Pewnego przedpołudnia, przebywając w domu, właśnie miałem wziąć gazetę i poczytać o wydarzeniach w naszym kochanym kraju, kiedy dzwonek do drzwi oderwał mnie od tego zamiaru. Uchyliłem drzwi i zobaczyłem dziewczynkę, schludnie ubraną, trzymającą jakąś torebkę w ręku. Poprosiła mnie o coś do jedzenia lub parę złotych. Zainteresowała mnie jej osoba i postanowiłem trochę z nią porozmawiać o jej życiu.
Kasia, bo tak miała na imię, powiedziała, że mieszka w tym mieście i chodzi do czwartej klasy szkoły podstawowej. Dziś akurat idzie na popołudnie i ten wolny czas wykorzystuje, chodząc od bloku do bloku, od mieszkania do mieszkania, od drzwi do drzwi, prosząc o jałmużnę. Na pytanie, czy często to robi i czy wiedzą o tym jej rodzice, odpowiedziała: „Chodzę, gdy nie mam co jeść i potrzebne są mi pieniądze. Czasami dwa lub trzy dni w tygodniu. A rodzice?” - na chwilę zamilkła i zamyśliła się. - A rodzice wiedzą o tym. Na początku mama na mnie krzyczała i zabraniała, ale teraz już nic nie mówi”. Dziewczynka zamilkła i spuściła głowę. Widać, że było jej smutno i przykro. „Mam dwie młodsze siostry - mają 3 i 5 lat. Mama nie pracuje, a ojciec jak rano wyjdzie, to potrafi wrócić nawet i za dwa dni - pijany.
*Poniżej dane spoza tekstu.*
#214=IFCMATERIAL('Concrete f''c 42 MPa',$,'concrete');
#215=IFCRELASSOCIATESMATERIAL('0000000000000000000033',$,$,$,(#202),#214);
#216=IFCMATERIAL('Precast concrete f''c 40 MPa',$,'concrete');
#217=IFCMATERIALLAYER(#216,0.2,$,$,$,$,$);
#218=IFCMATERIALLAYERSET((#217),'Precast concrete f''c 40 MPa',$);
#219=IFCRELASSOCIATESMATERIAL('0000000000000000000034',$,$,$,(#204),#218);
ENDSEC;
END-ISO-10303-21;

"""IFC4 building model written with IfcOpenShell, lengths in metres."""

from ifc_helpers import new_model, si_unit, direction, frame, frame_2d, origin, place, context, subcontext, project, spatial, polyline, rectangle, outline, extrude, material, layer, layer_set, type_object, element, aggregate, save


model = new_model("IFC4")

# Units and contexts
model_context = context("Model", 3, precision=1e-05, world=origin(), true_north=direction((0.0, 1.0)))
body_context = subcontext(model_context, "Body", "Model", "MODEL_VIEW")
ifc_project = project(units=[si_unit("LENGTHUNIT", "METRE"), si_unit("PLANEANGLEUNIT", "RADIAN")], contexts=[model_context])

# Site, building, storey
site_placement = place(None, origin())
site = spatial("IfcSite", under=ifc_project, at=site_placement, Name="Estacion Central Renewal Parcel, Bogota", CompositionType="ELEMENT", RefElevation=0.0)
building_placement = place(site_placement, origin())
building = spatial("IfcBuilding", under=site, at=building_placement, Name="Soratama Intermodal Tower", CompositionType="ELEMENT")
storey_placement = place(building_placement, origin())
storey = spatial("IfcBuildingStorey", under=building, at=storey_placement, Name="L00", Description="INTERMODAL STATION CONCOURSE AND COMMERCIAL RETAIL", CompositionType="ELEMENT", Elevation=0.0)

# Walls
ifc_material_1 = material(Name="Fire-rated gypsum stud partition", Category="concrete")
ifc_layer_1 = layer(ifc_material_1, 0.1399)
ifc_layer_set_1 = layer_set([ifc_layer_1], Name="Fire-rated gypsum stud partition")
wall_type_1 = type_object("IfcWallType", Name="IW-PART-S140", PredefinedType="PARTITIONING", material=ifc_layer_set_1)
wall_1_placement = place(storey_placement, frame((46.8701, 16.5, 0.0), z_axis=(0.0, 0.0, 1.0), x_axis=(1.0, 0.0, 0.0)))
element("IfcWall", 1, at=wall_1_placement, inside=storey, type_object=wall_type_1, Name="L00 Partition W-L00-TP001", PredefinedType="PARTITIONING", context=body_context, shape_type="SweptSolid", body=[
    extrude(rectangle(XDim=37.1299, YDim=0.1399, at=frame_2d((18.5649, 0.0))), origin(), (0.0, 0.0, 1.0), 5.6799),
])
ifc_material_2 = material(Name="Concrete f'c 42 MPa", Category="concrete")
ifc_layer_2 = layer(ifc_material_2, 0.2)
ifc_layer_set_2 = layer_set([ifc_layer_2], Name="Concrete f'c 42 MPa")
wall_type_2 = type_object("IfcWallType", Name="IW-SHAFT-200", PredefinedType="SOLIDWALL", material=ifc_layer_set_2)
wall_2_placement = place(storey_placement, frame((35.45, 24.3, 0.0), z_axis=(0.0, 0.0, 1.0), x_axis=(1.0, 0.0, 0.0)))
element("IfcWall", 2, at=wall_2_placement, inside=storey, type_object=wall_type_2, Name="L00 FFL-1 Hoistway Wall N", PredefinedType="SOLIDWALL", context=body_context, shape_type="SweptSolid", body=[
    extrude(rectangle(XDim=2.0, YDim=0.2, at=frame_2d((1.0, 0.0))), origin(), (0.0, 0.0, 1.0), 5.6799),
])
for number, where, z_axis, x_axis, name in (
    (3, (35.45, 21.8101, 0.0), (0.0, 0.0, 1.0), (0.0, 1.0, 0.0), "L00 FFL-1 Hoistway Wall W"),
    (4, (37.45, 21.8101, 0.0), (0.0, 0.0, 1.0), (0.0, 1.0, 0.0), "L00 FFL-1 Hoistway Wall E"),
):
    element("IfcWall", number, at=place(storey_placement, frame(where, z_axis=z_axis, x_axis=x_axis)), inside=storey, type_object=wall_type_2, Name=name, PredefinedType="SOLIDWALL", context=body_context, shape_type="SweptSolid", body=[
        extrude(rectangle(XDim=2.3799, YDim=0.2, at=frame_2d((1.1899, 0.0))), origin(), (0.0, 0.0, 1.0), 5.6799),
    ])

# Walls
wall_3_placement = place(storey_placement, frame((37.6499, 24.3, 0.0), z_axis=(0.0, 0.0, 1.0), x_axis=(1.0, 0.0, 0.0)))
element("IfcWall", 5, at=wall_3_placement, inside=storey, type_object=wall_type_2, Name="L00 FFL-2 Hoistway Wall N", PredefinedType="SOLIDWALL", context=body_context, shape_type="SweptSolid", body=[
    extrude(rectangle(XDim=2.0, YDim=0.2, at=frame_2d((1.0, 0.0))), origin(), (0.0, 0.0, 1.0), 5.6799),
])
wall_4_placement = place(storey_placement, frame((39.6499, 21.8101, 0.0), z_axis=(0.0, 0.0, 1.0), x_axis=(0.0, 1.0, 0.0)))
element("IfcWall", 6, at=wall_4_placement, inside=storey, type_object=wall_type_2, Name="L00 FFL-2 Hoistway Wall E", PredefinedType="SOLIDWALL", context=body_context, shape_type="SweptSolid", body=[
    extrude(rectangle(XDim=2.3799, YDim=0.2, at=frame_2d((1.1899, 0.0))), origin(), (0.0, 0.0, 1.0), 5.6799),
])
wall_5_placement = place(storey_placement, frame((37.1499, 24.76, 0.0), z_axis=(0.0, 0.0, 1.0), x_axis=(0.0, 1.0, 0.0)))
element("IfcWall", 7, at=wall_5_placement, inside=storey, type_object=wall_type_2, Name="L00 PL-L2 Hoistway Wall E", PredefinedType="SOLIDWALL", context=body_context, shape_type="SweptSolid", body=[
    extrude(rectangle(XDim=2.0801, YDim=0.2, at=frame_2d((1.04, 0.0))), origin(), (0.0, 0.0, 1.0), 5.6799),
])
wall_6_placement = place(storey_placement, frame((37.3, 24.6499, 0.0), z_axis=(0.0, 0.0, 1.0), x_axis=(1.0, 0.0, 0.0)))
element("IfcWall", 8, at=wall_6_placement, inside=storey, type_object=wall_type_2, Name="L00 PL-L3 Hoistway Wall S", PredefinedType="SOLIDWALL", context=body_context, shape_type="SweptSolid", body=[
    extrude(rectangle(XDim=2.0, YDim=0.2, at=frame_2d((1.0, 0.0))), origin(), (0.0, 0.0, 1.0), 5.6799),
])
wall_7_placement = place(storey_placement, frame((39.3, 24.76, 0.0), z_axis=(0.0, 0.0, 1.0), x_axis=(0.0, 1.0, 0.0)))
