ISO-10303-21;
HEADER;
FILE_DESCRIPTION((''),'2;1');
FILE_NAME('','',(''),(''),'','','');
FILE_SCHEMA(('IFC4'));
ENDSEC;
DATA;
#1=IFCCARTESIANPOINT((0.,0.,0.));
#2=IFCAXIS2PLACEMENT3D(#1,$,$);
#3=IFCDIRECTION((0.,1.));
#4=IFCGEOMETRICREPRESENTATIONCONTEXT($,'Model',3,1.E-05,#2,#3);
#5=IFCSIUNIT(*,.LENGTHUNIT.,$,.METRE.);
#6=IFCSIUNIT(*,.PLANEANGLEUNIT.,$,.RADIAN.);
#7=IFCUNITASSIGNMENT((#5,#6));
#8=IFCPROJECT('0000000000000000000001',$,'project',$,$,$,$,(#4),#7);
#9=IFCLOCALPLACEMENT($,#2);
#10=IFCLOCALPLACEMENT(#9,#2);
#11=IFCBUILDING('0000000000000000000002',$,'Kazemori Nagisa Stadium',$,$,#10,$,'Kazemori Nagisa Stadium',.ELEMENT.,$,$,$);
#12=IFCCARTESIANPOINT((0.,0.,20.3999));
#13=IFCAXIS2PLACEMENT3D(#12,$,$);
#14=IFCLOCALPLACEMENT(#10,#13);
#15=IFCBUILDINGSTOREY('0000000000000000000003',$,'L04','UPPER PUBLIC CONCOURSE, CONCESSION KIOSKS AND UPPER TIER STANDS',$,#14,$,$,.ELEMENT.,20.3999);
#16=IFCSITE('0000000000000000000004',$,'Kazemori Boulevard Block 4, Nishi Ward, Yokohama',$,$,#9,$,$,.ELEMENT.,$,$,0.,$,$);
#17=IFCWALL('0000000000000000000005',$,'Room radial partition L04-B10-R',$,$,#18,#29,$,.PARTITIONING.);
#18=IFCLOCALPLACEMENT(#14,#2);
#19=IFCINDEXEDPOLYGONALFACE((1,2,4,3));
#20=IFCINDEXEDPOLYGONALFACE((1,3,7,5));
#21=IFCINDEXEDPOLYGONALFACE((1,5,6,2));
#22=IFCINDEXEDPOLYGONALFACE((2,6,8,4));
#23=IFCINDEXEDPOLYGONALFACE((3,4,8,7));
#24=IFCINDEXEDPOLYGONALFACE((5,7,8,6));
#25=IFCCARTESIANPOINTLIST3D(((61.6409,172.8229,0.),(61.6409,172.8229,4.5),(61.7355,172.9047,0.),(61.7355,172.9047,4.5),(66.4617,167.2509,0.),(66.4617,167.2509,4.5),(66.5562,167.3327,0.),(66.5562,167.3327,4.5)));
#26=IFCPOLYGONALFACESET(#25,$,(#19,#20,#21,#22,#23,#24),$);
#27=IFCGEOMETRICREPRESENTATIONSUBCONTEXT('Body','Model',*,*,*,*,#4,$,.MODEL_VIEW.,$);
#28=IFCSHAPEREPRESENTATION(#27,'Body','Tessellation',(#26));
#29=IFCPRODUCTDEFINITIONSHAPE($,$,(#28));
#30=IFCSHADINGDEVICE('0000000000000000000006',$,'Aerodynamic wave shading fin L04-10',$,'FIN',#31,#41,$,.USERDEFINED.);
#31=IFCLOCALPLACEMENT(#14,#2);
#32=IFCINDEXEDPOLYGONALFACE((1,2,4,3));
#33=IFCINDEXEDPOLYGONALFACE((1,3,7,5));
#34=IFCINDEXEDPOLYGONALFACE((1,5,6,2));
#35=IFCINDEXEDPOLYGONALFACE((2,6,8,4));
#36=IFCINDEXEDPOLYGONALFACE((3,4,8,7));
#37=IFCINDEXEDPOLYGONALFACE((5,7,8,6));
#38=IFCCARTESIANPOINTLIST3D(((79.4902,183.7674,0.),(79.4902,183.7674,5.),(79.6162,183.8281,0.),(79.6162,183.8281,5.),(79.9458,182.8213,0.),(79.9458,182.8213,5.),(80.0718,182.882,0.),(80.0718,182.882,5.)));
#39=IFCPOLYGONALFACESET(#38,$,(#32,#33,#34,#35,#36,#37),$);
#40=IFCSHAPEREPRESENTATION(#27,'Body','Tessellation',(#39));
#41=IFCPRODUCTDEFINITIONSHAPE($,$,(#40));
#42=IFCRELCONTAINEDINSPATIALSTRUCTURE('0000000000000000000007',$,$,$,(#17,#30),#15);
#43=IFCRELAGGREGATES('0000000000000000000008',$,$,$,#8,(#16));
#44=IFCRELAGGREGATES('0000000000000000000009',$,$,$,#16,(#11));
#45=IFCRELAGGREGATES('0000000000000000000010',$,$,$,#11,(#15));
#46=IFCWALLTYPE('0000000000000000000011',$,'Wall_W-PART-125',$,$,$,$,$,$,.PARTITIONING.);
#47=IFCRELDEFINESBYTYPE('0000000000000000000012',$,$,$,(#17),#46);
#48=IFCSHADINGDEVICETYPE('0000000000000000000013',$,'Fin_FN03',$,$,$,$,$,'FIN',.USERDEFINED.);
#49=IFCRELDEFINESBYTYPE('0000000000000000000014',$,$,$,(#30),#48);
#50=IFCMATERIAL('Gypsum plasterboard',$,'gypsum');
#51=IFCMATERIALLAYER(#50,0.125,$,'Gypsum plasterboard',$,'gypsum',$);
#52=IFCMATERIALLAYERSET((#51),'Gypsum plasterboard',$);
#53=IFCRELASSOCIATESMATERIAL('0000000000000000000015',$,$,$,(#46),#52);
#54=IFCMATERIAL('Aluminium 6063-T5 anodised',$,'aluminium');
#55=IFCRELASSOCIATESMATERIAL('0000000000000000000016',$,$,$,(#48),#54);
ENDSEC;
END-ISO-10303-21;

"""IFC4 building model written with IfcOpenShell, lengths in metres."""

from ifc_helpers import new_model, si_unit, direction, frame, frame_2d, origin, origin_2d, place, context, subcontext, project, spatial, rectangle, extrude, material, layer, layer_set, type_object, element, save


model = new_model("IFC4")

# Units and contexts
model_context = context("Model", 3, precision=1e-05, world=origin(), true_north=direction((0.0, 1.0)))
body_context = subcontext(model_context, "Body", "Model", "MODEL_VIEW")
ifc_project = project(units=[si_unit("LENGTHUNIT", "METRE"), si_unit("PLANEANGLEUNIT", "RADIAN")], contexts=[model_context])

# Site, building, storey
site_placement = place(None, origin())
site = spatial("IfcSite", under=ifc_project, at=site_placement, Name="Kazemori Boulevard Block 4, Nishi Ward, Yokohama", CompositionType="ELEMENT", RefElevation=0.0)
building_placement = place(site_placement, origin())
building = spatial("IfcBuilding", under=site, at=building_placement, Name="Kazemori Nagisa Stadium", LongName="Kazemori Nagisa Stadium", CompositionType="ELEMENT")
storey_placement = place(building_placement, frame((0.0, 0.0, 20.3999)))
storey = spatial("IfcBuildingStorey", under=building, at=storey_placement, Name="L04", Description="UPPER PUBLIC CONCOURSE, CONCESSION KIOSKS AND UPPER TIER STANDS", CompositionType="ELEMENT", Elevation=20.3999)

# Shared definitions
ifc_material_1 = material(Name="Aluminium 6063-T5 anodised", Category="aluminium")

# Wall
ifc_material_2 = material(Name="Gypsum plasterboard", Category="gypsum")
ifc_layer_1 = layer(ifc_material_2, 0.125, Name="Gypsum plasterboard", Category="gypsum")
ifc_layer_set_1 = layer_set([ifc_layer_1], Name="Gypsum plasterboard")
wall_type = type_object("IfcWallType", Name="Wall_W-PART-125", PredefinedType="PARTITIONING", material=ifc_layer_set_1)
wall_placement = place(storey_placement, frame((66.509, 167.2917, 0.0), z_axis=(0.0, 0.0, 1.0), x_axis=(-0.654288, 0.756245, 0.0)))
element("IfcWall", 1, at=wall_placement, inside=storey, type_object=wall_type, Name="Room radial partition L04-B10-R", PredefinedType="PARTITIONING", context=body_context, shape_type="SweptSolid", body=[
    extrude(rectangle(XDim=7.3679, YDim=0.125, at=frame_2d((3.6841, 0.0))), origin(), (0.0, 0.0, 1.0), 4.5),
])

# Shading device
shading_device_type = type_object("IfcShadingDeviceType", Name="Fin_FN03", ElementType="FIN", PredefinedType="USERDEFINED", material=ifc_material_1)
shading_device_placement = place(storey_placement, frame((79.781, 183.3247, 0.0), z_axis=(0.0, 0.0, 1.0), x_axis=(-0.433884, 0.900969, 0.0)))
element("IfcShadingDevice", 2, at=shading_device_placement, inside=storey, type_object=shading_device_type, Name="Aerodynamic wave shading fin L04-10", ObjectType="FIN", PredefinedType="USERDEFINED", context=body_context, shape_type="SweptSolid", body=[
    extrude(rectangle(XDim=1.05, YDim=0.1399, at=origin_2d()), origin(), (0.0, 0.0, 1.0), 5.0),
])

save(model, "model.ifc")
Najfajniej jest jak tata zarobi trochę pieniędzy i wszystkiego nie przepije. Wtedy i nam coś słodkiego kupi, i zabawkę przyniesie. Wtedy najbardziej lubię swojego tatę”. Kasia uśmiechnęła się. Widać było, że te chwile były dla niej największym szczęściem. „A z czego się utrzymujecie, czy ktoś wam pomaga?” - zapytałem. „Mama dostaje pieniądze z urzędu, ale niewiele. Czasami, jak nie mamy nic na obiad, to idziemy na zupę do Caritasu”. „A czy nie boisz się chodzić sama do obcych ludzi?” - zapytałem. „Nie - odpowiedziała - jestem już przecież duża. Kiedyś jakiś pan nie chciał mnie wypuścić z domu, ale mu uciekłam. Więcej tam nie pójdę”. Jak wiele niebezpieczeństw czyha na takie dzieci? - pomyślałem. Ciągle słyszy się o pedofilach i krzywdach, jakie wyrządzają ci chorzy ludzie. Okropność.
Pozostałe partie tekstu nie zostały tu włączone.